Zwischen den Zeilen:

  • Mehrwertsteuer- und Zollbetrug verursachen 45,01 Milliarden Euro Schaden, über zwei Drittel des Gesamtschadens. Organisierte Netzwerke nutzen oft ihre China-Verbindungen für Unterbewertung importierter Waren.
  • Der Ausgabenbetrug (mit EU-Subventionen) dominiert mit 68 Prozent der Fälle, verursacht aber nur 27 Prozent des Schadens (18,67 Milliarden Euro).
  • 512 aktive Fälle beim Recovery and Resilience Facility – der Schaden summierte sich auf bereits 5 Milliarden Euro.

Follow the money: Der Gesamtschaden für die europäischen Steuerzahler allein im Vorjahr: 67,27 Milliarden Euro.

  • Der Einnahmebetrug sorgte für einen Schaden von 45,01 Milliarden Euro. Italien führt mit 28,71 Milliarden Euro Schaden, Deutschland liegt bei 5,77 Milliarden Euro. Jeder Euro, der von Betrügern abgezweigt wird, fehlt bei Investitionen in Infrastruktur, Landwirtschaft oder bei der Wirtschaftsförderung.

Die andere Sicht: Kövesi betont die Erfolge der Staatsanwaltschaft: Es gebe eine Verurteilungsquote von 95 Prozent, und es wurde ein Vermögen in Millionenhöhe eingezogen.

Die Realität: Der Schaden verdreifachte sich trotzdem.
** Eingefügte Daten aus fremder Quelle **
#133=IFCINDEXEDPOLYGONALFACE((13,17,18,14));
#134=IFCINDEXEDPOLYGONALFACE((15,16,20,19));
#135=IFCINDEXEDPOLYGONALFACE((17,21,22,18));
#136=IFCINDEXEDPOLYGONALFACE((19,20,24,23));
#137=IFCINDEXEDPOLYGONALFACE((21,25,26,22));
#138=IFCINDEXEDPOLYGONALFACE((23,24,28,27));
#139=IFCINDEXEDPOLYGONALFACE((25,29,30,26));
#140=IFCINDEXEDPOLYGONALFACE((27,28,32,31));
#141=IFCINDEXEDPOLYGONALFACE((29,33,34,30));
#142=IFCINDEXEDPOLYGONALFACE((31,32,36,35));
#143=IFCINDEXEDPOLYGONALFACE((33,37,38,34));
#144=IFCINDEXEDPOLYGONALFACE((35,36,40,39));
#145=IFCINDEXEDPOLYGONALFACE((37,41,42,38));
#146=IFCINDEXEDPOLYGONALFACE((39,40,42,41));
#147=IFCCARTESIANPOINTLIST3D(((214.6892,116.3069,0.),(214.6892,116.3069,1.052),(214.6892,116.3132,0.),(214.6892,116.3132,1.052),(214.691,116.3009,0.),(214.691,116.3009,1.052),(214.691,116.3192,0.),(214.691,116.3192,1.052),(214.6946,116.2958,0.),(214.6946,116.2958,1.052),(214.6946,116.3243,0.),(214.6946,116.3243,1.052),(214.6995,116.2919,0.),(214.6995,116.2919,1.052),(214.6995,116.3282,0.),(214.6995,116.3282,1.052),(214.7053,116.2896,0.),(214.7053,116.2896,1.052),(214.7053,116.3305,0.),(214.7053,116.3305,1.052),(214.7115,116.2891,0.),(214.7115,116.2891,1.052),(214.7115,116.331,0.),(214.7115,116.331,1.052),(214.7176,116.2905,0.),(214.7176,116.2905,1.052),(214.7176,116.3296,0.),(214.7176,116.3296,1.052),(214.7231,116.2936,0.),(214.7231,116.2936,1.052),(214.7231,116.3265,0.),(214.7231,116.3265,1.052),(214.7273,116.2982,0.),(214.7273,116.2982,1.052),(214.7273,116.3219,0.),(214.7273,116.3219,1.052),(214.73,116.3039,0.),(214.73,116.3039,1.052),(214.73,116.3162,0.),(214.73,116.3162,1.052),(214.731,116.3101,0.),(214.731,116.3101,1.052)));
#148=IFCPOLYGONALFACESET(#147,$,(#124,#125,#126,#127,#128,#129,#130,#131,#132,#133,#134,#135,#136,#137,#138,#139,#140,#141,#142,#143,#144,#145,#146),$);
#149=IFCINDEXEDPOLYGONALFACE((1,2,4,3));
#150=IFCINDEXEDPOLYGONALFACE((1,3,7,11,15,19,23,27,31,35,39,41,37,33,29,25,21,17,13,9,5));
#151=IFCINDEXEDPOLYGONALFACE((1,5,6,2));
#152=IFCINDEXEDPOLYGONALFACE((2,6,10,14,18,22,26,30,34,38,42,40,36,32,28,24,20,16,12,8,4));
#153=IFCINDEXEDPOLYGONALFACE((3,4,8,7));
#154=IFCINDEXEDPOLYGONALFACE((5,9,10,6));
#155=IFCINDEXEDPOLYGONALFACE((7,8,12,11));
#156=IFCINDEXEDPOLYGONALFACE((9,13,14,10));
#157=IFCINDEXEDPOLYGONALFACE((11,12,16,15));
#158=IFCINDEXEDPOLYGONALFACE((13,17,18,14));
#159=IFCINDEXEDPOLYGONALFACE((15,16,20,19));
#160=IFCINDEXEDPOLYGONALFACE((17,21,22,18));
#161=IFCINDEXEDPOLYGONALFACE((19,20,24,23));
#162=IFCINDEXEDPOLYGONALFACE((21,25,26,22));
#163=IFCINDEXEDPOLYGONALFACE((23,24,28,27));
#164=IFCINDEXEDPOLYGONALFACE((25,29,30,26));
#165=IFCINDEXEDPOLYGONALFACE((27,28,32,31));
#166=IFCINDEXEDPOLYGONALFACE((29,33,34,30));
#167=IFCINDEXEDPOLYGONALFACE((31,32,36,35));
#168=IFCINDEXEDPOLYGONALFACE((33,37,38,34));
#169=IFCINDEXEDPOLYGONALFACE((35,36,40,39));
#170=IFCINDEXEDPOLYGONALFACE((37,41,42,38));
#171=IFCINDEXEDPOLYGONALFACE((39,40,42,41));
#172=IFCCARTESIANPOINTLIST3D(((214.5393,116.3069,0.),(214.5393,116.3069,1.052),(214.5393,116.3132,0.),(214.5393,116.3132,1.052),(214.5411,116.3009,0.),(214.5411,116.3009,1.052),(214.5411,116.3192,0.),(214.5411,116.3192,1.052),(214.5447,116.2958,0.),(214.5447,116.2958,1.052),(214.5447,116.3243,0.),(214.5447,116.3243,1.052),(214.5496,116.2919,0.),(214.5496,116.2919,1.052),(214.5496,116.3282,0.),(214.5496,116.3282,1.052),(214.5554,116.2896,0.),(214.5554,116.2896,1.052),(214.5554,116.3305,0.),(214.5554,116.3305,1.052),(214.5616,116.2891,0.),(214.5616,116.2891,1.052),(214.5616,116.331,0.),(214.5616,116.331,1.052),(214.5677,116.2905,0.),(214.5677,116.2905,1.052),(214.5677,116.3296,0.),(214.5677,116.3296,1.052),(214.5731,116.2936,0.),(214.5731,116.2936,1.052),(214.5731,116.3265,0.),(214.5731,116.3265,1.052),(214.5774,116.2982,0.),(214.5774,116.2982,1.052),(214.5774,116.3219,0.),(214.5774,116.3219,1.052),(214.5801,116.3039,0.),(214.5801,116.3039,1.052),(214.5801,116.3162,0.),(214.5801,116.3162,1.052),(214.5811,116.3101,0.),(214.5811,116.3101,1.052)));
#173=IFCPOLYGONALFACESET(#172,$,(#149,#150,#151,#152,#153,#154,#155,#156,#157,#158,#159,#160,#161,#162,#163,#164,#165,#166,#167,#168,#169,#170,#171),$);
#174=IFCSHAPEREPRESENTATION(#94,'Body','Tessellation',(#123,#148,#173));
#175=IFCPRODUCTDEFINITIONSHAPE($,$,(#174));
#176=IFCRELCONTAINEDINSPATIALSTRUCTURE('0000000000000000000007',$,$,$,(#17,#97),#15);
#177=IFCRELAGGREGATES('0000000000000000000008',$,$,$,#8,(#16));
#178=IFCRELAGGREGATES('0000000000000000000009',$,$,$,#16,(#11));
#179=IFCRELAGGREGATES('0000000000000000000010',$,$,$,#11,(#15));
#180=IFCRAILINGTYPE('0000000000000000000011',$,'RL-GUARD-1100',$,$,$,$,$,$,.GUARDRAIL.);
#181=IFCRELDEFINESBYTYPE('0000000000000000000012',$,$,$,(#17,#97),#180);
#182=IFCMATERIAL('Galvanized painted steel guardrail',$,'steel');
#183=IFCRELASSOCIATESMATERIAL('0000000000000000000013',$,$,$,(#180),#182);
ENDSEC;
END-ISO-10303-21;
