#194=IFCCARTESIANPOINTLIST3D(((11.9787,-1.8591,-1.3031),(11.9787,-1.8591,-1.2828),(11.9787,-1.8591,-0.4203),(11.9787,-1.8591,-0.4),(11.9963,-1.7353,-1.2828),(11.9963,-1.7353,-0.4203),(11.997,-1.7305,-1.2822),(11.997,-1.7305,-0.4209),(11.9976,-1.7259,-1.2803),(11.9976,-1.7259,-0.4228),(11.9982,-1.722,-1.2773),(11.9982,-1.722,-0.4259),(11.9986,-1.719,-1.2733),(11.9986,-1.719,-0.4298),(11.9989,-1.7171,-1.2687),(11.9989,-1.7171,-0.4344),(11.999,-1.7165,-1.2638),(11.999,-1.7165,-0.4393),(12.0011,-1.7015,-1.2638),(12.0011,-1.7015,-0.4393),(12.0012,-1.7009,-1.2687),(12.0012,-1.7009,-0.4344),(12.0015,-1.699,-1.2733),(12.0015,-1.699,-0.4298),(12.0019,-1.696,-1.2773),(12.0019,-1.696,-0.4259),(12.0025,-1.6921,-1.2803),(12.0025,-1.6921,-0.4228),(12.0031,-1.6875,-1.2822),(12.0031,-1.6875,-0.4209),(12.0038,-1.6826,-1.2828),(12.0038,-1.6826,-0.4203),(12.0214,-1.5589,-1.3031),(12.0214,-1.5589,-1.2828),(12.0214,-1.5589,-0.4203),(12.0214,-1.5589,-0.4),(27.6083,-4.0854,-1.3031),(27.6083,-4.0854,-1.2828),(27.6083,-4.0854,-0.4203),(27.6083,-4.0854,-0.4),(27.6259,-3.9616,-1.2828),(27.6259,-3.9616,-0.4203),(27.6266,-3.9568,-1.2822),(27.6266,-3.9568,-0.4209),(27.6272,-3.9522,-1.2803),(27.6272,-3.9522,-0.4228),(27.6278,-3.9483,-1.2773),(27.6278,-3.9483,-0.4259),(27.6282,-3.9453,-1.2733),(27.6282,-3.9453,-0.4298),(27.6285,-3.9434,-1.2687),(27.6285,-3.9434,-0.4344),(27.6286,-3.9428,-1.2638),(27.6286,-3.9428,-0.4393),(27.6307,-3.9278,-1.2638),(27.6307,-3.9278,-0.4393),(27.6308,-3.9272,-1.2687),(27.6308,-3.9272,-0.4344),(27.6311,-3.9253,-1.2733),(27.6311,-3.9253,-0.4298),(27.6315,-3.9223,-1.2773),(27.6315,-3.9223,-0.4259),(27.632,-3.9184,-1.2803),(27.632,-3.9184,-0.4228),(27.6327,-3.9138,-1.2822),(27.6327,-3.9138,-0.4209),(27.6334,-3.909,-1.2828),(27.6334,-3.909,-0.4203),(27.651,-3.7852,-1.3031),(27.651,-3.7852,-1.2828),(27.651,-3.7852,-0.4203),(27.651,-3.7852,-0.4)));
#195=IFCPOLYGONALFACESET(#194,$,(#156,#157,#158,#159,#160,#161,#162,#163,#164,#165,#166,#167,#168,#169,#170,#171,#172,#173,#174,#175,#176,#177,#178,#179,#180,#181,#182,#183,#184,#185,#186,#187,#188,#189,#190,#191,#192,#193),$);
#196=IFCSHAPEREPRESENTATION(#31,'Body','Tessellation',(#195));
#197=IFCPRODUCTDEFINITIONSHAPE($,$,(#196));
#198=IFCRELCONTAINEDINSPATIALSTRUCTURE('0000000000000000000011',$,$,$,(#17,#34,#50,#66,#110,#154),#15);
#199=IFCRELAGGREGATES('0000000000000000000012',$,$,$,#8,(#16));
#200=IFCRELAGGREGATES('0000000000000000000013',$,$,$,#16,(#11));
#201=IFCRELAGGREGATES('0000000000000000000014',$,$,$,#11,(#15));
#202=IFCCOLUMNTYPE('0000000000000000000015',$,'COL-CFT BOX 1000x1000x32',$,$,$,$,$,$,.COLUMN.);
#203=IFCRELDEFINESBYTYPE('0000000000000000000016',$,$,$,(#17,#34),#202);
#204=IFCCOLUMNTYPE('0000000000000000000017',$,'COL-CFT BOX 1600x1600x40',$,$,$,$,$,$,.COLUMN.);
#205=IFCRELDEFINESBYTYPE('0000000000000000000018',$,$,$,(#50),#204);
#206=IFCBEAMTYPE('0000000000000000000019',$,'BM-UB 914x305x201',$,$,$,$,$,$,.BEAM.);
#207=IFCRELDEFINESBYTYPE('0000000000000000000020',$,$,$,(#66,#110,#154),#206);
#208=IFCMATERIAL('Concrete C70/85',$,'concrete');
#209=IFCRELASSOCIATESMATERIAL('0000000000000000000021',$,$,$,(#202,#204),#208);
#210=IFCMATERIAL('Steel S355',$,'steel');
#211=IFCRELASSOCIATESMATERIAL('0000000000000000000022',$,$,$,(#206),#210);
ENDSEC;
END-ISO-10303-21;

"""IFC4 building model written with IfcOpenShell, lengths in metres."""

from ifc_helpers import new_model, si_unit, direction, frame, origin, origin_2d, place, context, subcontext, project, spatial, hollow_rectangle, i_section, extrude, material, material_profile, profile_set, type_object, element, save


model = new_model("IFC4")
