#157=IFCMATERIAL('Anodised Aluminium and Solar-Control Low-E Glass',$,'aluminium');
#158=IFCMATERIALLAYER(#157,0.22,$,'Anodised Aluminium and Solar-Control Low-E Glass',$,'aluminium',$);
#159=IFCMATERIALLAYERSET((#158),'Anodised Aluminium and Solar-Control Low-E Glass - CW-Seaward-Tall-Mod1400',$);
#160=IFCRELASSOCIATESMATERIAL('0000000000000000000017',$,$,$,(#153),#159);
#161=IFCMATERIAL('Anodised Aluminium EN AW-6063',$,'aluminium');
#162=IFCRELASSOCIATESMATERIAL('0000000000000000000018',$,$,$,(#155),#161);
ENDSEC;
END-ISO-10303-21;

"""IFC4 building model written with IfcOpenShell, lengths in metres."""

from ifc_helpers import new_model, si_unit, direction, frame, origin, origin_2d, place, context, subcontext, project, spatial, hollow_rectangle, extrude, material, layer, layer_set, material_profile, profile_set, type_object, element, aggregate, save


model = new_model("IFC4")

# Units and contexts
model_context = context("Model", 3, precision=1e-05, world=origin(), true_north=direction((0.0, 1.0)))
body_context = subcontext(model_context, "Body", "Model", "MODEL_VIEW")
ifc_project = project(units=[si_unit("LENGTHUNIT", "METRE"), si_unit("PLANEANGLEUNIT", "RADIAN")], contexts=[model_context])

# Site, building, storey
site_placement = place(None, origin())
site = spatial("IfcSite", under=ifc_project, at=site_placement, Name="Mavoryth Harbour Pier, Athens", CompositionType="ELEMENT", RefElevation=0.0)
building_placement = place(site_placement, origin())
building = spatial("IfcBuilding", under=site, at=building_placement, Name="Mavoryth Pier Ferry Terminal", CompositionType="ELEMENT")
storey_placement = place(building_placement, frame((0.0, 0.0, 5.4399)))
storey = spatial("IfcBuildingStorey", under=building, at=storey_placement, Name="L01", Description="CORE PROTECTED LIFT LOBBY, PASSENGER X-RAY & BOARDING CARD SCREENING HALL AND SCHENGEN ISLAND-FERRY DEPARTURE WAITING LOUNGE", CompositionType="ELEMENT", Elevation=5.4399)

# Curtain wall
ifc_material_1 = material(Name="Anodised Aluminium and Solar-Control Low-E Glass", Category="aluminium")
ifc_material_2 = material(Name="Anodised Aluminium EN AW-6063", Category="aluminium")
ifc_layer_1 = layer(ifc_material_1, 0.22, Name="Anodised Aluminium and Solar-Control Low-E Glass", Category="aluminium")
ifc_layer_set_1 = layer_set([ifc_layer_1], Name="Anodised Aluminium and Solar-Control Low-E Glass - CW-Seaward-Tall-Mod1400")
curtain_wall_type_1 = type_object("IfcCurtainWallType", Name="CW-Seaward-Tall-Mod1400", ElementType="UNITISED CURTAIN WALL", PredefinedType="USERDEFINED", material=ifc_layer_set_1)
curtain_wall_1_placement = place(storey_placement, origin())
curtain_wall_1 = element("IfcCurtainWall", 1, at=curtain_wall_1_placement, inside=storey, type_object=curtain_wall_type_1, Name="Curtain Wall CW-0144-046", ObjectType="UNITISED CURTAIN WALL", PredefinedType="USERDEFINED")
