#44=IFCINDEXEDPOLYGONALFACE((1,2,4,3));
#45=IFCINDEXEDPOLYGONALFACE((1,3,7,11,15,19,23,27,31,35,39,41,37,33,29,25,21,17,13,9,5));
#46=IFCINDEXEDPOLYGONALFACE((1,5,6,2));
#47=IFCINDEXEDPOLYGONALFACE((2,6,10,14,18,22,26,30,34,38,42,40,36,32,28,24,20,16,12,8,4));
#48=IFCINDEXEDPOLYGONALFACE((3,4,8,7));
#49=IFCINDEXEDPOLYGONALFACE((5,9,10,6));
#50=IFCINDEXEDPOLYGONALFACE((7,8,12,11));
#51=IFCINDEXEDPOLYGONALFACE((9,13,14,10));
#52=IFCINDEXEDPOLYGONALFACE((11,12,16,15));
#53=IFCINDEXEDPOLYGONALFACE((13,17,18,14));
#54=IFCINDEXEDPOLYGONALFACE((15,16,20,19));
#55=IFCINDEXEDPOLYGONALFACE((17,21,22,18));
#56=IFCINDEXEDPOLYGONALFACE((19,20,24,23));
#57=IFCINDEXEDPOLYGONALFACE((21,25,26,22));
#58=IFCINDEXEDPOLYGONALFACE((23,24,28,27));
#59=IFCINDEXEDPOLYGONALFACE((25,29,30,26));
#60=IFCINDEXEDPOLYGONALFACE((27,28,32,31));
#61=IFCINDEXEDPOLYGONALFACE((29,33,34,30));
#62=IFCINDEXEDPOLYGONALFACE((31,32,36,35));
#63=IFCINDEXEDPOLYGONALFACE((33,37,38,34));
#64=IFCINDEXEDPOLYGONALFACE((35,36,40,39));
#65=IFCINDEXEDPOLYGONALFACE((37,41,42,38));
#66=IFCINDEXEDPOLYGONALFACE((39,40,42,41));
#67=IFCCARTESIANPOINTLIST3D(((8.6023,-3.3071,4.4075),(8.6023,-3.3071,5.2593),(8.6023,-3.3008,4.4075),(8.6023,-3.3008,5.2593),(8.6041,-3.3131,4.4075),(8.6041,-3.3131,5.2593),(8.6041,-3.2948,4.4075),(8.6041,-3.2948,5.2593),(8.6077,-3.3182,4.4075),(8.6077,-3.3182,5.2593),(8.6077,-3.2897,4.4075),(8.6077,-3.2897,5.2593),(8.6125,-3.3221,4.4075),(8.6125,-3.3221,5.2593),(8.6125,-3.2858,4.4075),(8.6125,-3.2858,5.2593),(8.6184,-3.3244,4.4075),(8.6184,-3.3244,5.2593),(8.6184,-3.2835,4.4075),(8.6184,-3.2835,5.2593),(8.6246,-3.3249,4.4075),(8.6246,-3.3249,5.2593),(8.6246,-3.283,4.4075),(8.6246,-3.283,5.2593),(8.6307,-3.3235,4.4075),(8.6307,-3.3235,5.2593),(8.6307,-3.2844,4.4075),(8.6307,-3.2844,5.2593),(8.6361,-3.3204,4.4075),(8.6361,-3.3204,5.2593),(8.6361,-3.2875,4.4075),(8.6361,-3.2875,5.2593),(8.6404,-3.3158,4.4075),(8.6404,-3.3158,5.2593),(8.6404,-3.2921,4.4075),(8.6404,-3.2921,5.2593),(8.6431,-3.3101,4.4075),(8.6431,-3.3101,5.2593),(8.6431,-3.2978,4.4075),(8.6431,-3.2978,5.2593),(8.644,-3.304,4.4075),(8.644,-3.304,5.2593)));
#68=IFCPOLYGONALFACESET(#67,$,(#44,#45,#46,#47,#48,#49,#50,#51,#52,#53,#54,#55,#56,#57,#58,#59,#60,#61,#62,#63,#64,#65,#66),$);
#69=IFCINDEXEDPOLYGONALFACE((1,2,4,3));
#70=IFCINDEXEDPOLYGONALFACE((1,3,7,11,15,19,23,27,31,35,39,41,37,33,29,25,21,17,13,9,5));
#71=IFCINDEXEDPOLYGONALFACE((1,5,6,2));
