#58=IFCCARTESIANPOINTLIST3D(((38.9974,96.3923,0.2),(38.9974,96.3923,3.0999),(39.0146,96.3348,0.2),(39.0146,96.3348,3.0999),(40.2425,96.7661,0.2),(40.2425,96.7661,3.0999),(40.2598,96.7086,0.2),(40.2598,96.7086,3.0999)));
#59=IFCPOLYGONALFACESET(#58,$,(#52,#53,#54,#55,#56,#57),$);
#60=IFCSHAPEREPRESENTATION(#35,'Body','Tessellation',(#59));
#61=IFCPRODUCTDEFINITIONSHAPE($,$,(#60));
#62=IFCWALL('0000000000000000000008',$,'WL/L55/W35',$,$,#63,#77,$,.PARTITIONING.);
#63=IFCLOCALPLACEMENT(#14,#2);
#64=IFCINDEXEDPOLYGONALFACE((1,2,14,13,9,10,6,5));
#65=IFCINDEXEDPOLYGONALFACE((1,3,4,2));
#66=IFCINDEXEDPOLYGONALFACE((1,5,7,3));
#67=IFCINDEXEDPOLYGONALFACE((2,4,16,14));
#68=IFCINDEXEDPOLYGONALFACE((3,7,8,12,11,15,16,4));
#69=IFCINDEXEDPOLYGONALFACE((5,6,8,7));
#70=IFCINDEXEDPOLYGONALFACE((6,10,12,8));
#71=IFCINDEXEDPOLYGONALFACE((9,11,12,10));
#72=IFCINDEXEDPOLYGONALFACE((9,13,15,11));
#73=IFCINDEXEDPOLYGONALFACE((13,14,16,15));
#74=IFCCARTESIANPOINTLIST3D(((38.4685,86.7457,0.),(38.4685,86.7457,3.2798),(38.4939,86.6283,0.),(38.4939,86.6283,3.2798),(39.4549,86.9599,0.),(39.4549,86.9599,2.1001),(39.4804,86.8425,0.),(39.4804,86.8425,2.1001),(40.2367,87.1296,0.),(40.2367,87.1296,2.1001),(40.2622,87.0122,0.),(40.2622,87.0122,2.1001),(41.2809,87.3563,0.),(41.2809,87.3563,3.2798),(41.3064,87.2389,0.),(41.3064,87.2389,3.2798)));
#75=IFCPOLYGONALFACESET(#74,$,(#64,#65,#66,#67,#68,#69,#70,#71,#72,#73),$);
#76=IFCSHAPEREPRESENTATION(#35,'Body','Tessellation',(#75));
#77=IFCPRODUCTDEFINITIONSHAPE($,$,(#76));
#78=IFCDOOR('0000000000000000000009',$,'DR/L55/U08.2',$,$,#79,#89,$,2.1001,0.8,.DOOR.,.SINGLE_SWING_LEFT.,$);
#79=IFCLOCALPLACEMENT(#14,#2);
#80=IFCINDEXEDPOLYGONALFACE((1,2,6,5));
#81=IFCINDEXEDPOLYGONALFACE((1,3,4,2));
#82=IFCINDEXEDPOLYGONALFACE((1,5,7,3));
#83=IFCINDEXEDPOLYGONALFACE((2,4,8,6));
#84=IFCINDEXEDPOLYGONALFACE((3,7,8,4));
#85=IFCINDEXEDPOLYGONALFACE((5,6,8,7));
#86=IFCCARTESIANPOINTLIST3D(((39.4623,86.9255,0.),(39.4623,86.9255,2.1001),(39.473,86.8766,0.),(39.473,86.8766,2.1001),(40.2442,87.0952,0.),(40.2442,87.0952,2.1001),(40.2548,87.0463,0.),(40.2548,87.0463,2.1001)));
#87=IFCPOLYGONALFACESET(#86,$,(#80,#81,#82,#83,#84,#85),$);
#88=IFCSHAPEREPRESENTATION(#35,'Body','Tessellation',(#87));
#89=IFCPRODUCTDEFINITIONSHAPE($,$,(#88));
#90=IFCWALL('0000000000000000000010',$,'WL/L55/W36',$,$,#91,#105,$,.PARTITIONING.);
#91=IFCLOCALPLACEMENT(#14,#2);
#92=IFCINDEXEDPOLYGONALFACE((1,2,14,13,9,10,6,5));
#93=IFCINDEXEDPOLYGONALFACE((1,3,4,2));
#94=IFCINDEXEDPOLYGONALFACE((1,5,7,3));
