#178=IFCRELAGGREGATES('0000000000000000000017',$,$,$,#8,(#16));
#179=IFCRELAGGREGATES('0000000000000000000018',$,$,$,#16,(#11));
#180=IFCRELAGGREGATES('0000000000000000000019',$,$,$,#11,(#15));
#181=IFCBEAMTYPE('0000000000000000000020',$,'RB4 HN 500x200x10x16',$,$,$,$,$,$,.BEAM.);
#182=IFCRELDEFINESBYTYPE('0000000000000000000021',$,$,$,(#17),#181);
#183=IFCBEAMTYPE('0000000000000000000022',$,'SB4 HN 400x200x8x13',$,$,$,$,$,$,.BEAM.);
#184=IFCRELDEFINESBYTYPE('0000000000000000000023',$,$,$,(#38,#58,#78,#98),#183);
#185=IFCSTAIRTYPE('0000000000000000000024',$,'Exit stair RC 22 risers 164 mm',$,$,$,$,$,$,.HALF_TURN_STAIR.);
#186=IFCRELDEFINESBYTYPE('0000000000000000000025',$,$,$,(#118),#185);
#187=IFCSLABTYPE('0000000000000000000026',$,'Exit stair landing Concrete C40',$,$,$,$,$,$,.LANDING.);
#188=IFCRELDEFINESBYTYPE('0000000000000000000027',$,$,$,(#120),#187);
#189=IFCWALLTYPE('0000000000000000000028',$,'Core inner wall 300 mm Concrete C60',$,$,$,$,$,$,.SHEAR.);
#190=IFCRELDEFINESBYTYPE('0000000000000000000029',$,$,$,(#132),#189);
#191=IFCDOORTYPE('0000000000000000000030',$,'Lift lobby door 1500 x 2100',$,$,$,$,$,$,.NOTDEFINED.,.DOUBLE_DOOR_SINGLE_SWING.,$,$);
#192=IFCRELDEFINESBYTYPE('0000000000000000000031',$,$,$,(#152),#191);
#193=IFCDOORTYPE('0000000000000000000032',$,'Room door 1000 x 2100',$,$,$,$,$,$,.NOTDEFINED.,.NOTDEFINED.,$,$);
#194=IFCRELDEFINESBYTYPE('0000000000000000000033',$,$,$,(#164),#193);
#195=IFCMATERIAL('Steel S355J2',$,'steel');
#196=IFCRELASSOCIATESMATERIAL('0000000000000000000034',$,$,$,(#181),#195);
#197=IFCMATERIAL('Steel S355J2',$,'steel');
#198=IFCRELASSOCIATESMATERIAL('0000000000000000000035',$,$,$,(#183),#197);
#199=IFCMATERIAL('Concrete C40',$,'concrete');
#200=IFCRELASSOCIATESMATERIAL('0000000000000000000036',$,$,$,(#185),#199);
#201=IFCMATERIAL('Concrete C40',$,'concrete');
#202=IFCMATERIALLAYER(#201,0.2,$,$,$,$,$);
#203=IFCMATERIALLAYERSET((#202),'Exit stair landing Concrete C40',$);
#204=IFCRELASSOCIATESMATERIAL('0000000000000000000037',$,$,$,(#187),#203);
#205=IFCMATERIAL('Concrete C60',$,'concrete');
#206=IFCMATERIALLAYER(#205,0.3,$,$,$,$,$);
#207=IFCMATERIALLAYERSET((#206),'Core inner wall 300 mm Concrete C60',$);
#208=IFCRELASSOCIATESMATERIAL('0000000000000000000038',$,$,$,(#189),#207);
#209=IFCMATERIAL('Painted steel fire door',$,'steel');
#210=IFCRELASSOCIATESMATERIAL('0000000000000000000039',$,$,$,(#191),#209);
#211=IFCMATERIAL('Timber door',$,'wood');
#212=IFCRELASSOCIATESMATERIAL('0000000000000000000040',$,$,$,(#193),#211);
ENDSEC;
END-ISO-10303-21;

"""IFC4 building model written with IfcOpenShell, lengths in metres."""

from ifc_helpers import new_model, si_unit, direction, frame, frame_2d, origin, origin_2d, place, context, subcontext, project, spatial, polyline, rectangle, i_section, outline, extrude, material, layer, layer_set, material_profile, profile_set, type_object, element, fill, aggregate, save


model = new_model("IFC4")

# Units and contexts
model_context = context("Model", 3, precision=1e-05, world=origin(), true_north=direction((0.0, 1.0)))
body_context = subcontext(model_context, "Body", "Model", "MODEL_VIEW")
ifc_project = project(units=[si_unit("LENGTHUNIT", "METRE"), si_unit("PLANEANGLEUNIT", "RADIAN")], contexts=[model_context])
Nationale Behörden melden zu wenig Verdachtsfälle, die Kooperation mit der EU-Anti-Korruptionseinheit OLAF bleibt schwach.

Warum das wichtig ist: 67 Milliarden Euro, die Betrüger aus em EU-Haushalt abzweigen können, bedeuten eine direkte Belastung für jeden Haushalt – über höhere Preise und Steuern. Das vertrauen in die Institution EU schwindet, wenn kriminelle Netzwerke den EU-Haushalt plündern.